Кроткая Олениха снова прикрыла покрывалом Марти, села на свое место и вложила руку девушки в ладонь внука.
— Правда, бабушка? Ей лучше?
— Нет, ей не лучше, — честно призналась она. — Ночное Солнце, выберись на некоторое время на солнечный свет. Поезжай вместе с мужчинами. Затравите лося для нас. Уходи из темного типи. С женщиной-ребенком останусь я.
Он покачал головой:
— Она может проснуться и позвать меня. Я останусь. — Старуха улыбнулась:
— Как ты похож на своего деда, Бредущего Медведя. Такой же упрямый. — Ее улыбка погасла. — Когда ты мне скажешь? — спросила она.
— Скажу что?
Кроткая Олениха кивнула в сторону девушки:
— Кто она? Почему оказалась здесь?
— Не спрашивай меня об этом сейчас.
Старуха кивнула. Она знала: внук скажет ей, когда сочтет нужным. Теперь его беспокоит болезнь белой девушки. Кроткая Олениха прикоснулась к его широкой груди, жалея о том, что он уже не ребенок. Тогда бы она взяла его на руки и спела ему песню о реках, горах и стадах буйволов, рассеяла бы все его страхи.
Но ее обожаемый внук давно был мужчиной, гордым лакотским вождем, почитаемым всем племенем за ум, верность и отвагу. Поэтому ему приходится страдать молча, в одиночестве.
— Помоги мне подняться, — попросила Кроткая Олениха. — Я ухожу, но вернусь, прежде чем зайдет солнце.
— Я буду здесь. — Снова устремив глаза на Марти, он положил ладонь на ее темя. — Надеюсь, и она еще будет здесь.
Несколько звероловов, ковбоев и золотоискателей подняли взгляды от своих стаканов, когда крепко сложенный индеец вошел в салон публичного дома. Их глаза выражали презрение, но индеец, направившись прямиком к задней лестнице, не обратил на это никакого внимания. Коренастый, изуродованный шрамами краснокожий знал, что никто не помешает ему находиться здесь.
И оказался прав.
Многие завсегдатаи подобных заведений часто встречали его в салунах и борделях по всей равнине. Никто не желал нарываться с ним на неприятности.
Мясистые губы Шрама растянулись в широкой улыбке. Он с предвкушением посмотрел на второй этаж, ибо знал, что ожидает его в одной из комнат с красными стенами. Усмехнувшись, следопыт кроу поднялся по ступенькам.
Индеец находился за сотню миль от Денвера.
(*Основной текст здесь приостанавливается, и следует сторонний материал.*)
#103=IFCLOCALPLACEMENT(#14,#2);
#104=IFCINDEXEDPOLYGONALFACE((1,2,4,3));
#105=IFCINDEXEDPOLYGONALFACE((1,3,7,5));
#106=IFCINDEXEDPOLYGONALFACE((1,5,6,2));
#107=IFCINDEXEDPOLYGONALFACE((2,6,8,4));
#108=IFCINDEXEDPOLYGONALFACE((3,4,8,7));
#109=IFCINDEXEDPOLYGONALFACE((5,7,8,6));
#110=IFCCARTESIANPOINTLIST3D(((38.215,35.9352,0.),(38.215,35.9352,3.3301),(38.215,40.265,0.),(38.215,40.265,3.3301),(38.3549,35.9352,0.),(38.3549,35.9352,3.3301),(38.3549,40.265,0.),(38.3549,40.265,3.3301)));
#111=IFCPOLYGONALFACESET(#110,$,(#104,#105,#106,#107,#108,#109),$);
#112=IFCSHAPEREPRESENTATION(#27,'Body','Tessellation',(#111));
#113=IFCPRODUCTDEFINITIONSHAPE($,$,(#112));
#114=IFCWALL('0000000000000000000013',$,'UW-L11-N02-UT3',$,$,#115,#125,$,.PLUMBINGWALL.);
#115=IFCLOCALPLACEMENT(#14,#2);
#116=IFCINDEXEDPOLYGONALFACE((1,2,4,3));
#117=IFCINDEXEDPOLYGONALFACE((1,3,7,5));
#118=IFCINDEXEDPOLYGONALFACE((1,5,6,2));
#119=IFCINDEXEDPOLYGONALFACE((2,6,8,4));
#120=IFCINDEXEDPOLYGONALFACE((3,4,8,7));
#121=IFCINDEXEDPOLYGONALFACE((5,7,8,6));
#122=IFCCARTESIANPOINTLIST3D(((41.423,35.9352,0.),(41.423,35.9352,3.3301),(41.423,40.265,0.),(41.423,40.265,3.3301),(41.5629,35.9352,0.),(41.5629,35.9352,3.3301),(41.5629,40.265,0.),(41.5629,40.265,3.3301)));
Он неотступно двигался к этому чейеннскому дому удовольствий, потому что образ хорошенькой темноволосой женщины с белой кожей, исполнявшей за деньги все его желания, до сих пор не стерся из памяти Шрама, хотя уже больше года он не видел ее.
Проходя по темному коридору и выкрикивая имя девушки, Шрам открывал двери, приводя в замешательство парочки. Проститутки громко взвизгивали, а мужчины грязно ругались. Распахнув последнюю дверь в конце коридора, Шрам увидел ее и бросил пьяному мужчине, стоявшему в нижнем белье:
— Вон!
Шрам разделся прежде, чем перепуганный мужчина схватил свою одежду и выскочил за дверь.
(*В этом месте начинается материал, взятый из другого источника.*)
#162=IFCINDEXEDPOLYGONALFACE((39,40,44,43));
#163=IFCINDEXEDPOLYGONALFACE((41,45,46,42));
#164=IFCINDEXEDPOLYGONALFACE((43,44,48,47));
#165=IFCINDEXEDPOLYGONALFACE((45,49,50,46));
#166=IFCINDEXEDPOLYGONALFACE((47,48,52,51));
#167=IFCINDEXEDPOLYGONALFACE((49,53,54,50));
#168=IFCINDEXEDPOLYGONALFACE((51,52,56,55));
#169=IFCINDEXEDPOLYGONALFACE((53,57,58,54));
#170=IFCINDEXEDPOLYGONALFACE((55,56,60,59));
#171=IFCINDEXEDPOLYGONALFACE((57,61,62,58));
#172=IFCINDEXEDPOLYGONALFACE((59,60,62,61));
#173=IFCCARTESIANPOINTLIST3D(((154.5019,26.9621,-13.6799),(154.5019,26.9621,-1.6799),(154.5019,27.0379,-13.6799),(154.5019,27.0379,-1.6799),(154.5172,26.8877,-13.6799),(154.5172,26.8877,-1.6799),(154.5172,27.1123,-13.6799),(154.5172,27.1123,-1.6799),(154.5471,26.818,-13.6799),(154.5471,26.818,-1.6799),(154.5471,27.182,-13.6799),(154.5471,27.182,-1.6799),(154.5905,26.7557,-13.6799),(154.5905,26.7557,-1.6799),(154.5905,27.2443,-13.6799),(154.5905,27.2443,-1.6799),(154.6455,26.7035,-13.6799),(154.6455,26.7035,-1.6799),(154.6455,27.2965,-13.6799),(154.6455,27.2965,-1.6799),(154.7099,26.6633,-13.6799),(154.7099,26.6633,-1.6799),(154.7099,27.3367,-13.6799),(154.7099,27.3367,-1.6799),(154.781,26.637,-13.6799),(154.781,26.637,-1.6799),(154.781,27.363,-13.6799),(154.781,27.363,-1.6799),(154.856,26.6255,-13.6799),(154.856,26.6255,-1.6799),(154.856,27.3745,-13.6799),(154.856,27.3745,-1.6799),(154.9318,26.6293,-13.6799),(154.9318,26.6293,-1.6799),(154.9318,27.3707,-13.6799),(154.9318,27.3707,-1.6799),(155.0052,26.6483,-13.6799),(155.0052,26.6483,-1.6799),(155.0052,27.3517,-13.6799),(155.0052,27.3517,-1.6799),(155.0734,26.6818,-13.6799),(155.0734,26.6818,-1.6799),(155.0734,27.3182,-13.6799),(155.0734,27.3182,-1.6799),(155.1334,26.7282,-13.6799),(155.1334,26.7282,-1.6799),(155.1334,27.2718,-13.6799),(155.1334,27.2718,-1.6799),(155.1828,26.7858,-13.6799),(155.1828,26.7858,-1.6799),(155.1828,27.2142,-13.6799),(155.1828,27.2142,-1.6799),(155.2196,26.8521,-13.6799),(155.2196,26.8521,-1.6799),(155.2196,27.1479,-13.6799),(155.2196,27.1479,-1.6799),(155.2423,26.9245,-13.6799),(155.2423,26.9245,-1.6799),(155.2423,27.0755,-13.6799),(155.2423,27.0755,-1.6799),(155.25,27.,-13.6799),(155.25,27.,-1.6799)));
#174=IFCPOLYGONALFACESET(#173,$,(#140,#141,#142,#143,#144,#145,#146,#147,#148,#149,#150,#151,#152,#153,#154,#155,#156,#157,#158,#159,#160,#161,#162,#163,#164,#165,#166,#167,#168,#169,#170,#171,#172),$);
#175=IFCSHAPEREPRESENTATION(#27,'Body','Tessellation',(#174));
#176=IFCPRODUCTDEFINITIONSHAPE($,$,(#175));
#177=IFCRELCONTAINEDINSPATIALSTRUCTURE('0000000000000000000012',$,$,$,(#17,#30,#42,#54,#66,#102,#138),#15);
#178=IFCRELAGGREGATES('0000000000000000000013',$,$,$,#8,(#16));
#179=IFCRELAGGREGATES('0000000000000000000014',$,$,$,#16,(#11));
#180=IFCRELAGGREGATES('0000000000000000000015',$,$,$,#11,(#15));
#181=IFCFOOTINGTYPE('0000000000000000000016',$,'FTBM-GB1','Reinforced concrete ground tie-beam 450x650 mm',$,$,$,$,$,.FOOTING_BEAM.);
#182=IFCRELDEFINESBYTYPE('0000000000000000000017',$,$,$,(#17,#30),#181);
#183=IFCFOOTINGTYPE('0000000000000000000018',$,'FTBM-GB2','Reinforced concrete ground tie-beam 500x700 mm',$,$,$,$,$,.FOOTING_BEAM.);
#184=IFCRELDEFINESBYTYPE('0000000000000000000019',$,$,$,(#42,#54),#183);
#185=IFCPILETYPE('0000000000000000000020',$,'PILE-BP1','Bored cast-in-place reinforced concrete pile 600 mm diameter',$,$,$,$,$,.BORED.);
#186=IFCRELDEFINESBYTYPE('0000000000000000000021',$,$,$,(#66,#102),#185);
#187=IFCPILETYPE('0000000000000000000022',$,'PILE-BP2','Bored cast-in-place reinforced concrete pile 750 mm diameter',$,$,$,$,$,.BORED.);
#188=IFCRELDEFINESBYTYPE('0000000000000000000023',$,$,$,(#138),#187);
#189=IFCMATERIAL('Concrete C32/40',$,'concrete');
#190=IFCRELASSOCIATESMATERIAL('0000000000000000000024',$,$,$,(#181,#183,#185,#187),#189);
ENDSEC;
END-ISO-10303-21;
Взглянув на женщину, следопыт спросил:
— Помнишь меня?
Хорошо помня испещренного шрамами индейца, она улыбнулась ему и начала быстро раздеваться. Женщина тотчас смекнула, что заработает этой ночью в пять раз больше, чем получала за весь вечер. Поэтому, когда голый Кроу широко расставил ноги и опустился на стул, приглашая ее сесть ему на колени и потереться об него, она согласилась без колебаний.
Наконец, пресытившись, Шрам лег на большую кровать, а усталая проститутка стала растирать его вонючие ноги.
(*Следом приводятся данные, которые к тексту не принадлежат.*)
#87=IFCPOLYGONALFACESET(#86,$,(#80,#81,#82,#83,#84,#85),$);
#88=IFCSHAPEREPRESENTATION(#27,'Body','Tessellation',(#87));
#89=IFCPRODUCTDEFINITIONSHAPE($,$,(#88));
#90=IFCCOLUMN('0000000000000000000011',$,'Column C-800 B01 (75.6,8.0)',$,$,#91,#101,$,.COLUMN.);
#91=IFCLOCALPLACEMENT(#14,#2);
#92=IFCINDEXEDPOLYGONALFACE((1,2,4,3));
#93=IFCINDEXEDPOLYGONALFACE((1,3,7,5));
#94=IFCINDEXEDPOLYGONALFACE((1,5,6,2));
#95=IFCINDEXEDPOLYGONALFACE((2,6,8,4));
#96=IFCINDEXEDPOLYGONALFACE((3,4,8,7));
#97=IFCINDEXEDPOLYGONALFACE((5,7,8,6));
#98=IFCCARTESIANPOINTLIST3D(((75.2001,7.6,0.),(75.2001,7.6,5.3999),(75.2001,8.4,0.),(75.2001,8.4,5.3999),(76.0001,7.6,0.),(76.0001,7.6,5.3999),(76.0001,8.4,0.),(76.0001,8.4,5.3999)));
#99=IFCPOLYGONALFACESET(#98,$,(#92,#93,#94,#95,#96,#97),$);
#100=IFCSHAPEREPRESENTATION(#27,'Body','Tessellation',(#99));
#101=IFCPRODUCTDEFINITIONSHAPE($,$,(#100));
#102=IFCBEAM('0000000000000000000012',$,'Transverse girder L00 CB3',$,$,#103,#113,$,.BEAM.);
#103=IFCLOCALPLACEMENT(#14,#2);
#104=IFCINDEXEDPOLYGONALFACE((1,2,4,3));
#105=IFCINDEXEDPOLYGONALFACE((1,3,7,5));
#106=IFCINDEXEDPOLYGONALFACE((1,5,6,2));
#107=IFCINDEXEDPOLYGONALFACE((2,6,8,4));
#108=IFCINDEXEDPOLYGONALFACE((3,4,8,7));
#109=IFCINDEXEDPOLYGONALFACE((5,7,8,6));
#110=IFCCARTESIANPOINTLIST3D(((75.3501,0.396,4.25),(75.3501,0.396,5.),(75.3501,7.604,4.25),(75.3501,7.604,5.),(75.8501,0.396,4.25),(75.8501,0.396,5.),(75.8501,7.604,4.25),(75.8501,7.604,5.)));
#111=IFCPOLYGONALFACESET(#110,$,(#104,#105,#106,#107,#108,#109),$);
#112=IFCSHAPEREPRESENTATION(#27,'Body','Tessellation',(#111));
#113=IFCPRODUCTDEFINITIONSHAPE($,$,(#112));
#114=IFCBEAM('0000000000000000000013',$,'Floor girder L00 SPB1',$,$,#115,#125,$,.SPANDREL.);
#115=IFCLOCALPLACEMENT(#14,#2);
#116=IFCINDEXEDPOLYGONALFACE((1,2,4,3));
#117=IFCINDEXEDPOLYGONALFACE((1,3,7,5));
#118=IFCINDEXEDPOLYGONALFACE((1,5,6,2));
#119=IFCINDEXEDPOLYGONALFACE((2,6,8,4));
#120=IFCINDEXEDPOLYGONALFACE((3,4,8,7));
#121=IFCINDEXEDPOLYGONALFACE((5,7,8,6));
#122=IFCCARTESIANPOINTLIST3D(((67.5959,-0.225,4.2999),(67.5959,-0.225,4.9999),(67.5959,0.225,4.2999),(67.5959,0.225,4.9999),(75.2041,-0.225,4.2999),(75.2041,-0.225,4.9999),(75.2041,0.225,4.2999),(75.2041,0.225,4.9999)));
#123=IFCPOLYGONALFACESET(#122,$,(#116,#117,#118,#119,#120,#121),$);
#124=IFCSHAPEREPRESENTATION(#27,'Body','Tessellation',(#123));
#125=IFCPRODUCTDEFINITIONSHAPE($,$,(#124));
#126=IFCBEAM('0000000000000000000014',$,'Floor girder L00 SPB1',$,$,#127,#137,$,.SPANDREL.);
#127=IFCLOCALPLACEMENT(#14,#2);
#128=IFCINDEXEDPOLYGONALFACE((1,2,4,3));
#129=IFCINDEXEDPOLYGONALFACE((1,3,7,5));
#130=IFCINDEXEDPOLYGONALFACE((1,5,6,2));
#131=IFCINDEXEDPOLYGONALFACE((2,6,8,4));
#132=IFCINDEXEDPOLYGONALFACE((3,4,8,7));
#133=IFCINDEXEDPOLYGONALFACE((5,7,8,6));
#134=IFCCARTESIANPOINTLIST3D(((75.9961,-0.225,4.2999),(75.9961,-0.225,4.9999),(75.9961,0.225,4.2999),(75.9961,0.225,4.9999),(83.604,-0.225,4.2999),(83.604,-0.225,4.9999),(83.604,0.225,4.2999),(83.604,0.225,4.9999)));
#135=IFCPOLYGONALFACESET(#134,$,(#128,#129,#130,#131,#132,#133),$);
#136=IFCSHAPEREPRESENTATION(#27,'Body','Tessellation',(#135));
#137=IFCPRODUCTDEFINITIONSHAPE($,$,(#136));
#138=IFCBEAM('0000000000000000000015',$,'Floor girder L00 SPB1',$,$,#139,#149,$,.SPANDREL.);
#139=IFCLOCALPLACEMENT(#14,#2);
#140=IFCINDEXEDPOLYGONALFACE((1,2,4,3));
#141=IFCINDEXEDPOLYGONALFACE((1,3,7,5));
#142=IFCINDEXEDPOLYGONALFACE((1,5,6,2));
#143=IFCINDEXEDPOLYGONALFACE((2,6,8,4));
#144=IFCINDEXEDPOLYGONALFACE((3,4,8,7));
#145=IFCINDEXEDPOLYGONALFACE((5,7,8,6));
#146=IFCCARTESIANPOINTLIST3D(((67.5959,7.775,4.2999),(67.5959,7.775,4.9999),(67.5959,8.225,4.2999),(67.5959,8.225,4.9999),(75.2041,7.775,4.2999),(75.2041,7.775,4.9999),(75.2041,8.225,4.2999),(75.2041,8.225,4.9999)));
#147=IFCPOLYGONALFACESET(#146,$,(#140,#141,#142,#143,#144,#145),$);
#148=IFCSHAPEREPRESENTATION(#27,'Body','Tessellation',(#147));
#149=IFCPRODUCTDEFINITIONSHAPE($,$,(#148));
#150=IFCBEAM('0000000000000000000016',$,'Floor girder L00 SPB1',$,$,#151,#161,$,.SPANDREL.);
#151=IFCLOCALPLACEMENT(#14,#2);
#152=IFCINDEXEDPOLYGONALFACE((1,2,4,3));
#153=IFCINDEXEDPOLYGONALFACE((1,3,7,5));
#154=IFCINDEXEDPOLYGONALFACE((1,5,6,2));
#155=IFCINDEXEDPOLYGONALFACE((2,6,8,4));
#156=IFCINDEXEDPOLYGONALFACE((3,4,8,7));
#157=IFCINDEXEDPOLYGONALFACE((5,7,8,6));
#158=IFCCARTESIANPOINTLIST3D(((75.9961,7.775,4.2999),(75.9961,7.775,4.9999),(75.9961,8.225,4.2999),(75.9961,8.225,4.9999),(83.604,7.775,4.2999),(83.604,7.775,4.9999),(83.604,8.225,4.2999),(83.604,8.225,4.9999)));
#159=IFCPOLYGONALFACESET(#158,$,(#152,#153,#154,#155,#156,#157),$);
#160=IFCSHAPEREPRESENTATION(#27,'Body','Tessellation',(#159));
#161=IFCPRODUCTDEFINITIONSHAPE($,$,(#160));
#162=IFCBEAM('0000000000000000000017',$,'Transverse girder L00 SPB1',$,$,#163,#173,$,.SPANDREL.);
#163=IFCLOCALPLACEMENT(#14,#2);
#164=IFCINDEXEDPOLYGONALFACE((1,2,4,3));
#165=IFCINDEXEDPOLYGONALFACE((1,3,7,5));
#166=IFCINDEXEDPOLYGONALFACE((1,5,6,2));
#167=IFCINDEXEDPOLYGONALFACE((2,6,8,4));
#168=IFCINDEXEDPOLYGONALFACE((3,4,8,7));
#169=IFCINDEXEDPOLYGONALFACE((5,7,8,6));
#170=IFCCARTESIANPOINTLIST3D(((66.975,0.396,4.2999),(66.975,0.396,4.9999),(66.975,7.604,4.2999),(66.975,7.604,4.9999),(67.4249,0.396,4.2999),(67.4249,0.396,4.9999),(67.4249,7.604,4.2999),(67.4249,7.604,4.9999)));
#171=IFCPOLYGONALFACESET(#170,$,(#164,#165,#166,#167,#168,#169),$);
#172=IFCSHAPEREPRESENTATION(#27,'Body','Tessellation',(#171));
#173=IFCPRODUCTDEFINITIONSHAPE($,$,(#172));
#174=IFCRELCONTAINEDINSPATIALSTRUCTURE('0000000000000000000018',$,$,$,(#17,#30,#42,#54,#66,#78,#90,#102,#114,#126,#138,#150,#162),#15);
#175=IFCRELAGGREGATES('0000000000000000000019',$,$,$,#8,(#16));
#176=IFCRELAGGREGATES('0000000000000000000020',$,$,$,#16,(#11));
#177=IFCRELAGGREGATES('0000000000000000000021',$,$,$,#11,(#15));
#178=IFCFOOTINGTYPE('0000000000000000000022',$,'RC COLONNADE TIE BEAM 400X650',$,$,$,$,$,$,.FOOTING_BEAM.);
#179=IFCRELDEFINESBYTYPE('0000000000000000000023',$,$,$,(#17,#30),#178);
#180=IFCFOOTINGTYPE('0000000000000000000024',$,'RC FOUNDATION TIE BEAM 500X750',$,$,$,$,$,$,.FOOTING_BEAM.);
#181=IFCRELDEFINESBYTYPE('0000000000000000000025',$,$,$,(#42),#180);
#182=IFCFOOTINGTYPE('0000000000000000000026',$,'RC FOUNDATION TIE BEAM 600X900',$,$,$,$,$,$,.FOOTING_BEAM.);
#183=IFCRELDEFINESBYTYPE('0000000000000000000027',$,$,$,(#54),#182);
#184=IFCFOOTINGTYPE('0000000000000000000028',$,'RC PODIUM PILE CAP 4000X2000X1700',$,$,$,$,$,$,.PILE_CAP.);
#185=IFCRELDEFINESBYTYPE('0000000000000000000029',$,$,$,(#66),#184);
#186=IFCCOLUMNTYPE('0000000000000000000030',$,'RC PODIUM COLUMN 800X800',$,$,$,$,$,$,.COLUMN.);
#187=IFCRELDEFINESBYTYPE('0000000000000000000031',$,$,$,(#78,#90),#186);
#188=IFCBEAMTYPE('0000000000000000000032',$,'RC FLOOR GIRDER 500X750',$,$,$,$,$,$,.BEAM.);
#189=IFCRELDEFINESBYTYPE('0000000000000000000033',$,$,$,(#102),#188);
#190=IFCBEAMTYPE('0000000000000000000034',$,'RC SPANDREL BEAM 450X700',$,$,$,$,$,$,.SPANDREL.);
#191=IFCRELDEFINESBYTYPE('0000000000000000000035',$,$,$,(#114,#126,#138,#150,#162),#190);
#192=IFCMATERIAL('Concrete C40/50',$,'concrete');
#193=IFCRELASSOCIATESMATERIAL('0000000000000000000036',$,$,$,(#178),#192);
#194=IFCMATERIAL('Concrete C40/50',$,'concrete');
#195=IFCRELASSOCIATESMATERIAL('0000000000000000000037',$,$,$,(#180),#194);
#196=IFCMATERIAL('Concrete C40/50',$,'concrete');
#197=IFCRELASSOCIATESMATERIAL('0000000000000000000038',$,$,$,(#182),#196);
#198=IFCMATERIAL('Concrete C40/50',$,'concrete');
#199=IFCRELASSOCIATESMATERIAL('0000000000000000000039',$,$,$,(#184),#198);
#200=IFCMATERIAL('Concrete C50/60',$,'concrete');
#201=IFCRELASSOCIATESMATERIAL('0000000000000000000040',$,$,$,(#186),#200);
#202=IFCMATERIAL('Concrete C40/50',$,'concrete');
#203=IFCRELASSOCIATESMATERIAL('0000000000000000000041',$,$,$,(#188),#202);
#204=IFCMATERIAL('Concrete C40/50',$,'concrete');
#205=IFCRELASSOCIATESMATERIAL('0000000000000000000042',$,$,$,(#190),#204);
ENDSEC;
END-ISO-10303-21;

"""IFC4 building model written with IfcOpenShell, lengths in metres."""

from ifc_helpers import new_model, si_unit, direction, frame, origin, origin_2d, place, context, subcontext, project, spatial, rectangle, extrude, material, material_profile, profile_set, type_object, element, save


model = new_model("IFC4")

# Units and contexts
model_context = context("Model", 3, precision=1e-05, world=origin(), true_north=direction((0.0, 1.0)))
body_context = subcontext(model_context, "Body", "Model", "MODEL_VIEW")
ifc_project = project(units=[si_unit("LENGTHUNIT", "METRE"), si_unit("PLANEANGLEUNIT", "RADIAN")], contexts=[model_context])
— Я охочусь за женщиной, — сказал он.
— Могу сходить в соседнюю комнату и выяснить, не присоединится ли Китти… — ответила проститутка.
— Нет-нет. — Шрам рассмеялся, отчего его толстое брюхо затряслось. — Я хочу только тебя. Ты очень славная. Я охочусь за пропавшей женщиной по поручению американского генерала. Я обещал генералу Кидду найти ее.
— Кому?
— У генерала американской кавалерии Уильяма Кидда похитили дочь.
Женщина приподнялась.
— Я знаю это имя. Знаю…
— Что знаешь?
— Имя генерала. Я слышала его… Подожди… Нет, я видела его на бумаге! Точно. В кармане одного из моих клиентов было письмо, адресованное генералу Кидду.
Шрам схватил ее за плечи:
— Что в нем было написано? Говори!
— Я… не помню… Я не прочитала его целиком. — Он встряхнул ее:
— Подумай! Что ты прочитала? От кого оно было? Говори же, черт тебя побери!